MONITORING COMMUTER CONGESTION ON SURFACE STREETS IN REAL TIME

As public agencies focus on optimized signal timing to reduce congestion, few have the ability to monitor network operations in real time. Little work has been done to provide a graphic presentation of surface street congestion. A way is introduced here to identify and monitor commuter congestion on surface street arterials without using specialized equipment. Existing system detectors have been combined with the signal timing information to classify traffic congestion levels. The Utah Department of Transportation Traffic Operation Center is incorporating the results to provide a real-time arterial congestion map. Occupancy, flow, and signal information are reported to the traffic operation center every 5 min. Then, a commuter congestion algorithm compares the actual measured volume with an estimated approach capacity. It is inappropriate to assume a fixed-green time per cycle because the network’s signalized intersections operate on coordinated–actuated control. The algorithm compares the estimated approach capacity with the measured approach volume to give an estimated real-time volume/capacity ratio. The approach capacity is estimated by an equation developed through simulating network intersections under a range of congested conditions with various cycle lengths and approach green times. The methodology has been verified against field data from congested locations with actual volume and signal timing during peak periods. The predicted approach volumes were within 5% of observed congested conditions. This method allows traffic engineers to monitor and identify the congestion of a signal-controlled surface street network in real time without the need for new technologies.

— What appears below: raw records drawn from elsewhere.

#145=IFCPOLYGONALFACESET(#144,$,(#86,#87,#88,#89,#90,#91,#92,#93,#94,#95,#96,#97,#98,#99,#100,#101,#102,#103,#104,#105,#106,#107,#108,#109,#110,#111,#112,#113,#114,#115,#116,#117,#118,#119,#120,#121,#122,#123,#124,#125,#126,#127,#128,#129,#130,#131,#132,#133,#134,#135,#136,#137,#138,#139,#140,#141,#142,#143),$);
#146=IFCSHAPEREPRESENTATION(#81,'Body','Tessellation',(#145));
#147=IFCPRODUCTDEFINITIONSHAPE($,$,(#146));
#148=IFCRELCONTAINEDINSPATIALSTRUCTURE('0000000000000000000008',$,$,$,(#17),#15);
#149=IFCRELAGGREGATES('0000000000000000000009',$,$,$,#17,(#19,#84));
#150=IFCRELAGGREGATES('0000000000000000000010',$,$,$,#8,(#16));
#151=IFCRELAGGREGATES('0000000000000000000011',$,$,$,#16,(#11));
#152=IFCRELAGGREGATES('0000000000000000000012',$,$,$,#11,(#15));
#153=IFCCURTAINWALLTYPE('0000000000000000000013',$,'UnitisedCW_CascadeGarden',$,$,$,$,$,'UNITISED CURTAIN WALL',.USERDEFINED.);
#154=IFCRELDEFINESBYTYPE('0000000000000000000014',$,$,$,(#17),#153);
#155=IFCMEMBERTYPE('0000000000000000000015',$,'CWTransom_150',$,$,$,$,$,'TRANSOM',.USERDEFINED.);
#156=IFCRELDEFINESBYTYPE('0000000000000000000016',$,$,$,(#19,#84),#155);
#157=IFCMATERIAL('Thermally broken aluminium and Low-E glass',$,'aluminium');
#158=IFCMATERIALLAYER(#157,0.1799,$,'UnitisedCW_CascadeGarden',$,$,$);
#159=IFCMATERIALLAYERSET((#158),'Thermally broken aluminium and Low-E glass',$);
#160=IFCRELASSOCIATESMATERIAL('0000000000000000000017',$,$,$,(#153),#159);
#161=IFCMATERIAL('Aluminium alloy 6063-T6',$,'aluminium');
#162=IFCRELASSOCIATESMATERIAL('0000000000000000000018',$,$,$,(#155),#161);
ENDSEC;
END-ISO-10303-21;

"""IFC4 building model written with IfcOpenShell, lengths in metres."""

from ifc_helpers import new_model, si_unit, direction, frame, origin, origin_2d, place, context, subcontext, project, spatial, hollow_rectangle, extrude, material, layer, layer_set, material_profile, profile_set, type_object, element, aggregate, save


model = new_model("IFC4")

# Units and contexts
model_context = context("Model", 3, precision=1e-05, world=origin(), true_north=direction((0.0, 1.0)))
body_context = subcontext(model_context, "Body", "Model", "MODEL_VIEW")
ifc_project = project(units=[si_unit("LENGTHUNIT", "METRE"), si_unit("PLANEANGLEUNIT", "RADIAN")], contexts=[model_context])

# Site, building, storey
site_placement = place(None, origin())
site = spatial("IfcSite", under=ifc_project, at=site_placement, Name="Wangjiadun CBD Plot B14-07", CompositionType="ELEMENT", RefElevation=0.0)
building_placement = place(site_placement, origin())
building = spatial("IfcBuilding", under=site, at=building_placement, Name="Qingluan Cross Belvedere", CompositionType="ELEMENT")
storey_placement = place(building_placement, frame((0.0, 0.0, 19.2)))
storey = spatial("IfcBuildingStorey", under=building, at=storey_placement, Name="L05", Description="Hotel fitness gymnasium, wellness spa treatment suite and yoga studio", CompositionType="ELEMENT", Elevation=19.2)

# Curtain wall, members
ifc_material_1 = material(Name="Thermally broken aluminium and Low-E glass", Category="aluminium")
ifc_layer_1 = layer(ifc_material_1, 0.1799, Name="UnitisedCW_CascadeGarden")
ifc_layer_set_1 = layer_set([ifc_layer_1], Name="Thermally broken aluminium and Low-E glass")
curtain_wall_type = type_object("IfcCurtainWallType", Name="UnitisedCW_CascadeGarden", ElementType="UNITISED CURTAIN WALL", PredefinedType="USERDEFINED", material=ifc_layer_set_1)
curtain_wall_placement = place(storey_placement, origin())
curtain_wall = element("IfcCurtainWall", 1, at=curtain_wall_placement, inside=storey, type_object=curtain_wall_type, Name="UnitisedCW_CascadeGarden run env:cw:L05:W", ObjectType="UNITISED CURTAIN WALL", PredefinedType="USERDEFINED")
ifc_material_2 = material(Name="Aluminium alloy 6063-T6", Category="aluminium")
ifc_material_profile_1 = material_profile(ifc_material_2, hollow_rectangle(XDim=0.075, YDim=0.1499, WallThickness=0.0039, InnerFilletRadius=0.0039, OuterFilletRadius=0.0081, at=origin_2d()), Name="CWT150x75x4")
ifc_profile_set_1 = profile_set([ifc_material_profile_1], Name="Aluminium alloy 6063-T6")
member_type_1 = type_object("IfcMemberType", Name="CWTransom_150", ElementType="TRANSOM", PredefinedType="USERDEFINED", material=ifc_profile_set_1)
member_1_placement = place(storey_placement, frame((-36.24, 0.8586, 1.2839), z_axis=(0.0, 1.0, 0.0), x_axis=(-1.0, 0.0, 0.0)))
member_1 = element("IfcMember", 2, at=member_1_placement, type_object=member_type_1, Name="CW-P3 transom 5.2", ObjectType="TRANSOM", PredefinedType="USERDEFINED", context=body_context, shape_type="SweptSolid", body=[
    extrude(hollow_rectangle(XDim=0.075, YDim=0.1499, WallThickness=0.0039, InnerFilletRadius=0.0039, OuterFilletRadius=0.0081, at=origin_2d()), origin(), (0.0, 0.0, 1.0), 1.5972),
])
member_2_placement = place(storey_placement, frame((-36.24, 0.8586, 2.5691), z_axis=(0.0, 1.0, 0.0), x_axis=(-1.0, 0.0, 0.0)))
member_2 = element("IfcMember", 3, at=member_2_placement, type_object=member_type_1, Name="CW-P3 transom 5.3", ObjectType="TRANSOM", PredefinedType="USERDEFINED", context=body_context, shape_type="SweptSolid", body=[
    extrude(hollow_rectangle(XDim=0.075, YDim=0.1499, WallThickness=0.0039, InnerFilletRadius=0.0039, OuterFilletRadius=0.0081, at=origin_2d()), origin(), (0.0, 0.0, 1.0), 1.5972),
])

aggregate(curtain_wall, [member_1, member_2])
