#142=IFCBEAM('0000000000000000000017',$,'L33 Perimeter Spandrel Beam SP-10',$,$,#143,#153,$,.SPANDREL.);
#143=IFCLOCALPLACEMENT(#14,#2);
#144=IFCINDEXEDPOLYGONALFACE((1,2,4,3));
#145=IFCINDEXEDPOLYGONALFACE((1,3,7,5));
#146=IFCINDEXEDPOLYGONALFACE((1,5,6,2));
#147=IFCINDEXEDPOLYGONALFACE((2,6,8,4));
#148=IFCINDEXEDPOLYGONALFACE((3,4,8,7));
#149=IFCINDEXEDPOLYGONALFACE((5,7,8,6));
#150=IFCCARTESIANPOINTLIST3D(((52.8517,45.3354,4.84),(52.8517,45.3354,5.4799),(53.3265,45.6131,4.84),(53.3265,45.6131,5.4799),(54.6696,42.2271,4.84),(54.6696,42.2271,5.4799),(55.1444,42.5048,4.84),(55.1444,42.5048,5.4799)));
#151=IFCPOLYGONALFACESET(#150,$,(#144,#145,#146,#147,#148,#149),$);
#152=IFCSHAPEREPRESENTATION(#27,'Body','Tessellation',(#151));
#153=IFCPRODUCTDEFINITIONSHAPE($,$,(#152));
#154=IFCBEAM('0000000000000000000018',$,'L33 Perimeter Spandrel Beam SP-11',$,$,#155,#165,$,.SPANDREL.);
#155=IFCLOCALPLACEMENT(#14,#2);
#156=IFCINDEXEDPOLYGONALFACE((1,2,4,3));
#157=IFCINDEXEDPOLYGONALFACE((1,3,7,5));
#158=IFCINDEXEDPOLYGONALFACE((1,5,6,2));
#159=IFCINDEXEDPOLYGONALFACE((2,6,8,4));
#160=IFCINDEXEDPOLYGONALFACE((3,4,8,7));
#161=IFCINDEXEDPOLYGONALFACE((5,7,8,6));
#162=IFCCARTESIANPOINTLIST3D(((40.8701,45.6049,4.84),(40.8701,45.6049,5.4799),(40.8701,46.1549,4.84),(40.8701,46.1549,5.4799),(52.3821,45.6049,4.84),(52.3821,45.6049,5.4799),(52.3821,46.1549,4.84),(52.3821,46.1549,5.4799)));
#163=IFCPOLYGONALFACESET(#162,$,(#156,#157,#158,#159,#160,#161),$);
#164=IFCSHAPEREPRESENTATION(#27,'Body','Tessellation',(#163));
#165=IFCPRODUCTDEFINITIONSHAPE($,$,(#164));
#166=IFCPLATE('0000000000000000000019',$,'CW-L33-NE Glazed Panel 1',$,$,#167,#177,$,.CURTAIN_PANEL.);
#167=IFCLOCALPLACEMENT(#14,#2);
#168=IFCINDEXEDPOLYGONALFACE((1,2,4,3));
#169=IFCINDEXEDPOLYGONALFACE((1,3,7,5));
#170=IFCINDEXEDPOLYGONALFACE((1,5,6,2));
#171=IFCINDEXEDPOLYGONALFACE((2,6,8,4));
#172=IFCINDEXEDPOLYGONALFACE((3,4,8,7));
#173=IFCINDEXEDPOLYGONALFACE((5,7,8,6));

Connecting SCOOT to CORSIM: real-time signal optimization simulation

Adaptive signal control systems react to traffic in real-time and adjust the signal timings to improve signal efficiency. SCOOT is the most widely implemented system. It comes from the UK with over 200 installations worldwide including the US. Average delay reductions of 20 percent have been shown in urban networks that employ adaptive signal control systems. However, these benefits vary between cities. Until now, no commercially available adaptive signal control system could be modeled across a city-specific network prior to installation. The University of Utah has developed a simulation modeling connection between the Federal Highways CORSIM model and the SCOOT adaptive control system. SCOOT runs on the VMS operating system, CORSIM on Windows NT. The two are connected via Ethernet with a dynamic link library interface that extracts the signal state and detector information from CORSIM and converts it to a format that SCOOT understands. SCOOT processes the information and sends it back across the Ethernet. In a completed loop, the optimized signal timing is then communicated from SCOOT to CORSIM, which implements the timing and updates the traffic simulation. This work offers traffic engineers the opportunity to evaluate the impact of SCOOT in a simulated environment prior to installation of the system. This paper reports the findings of the simulation of an actual urban network.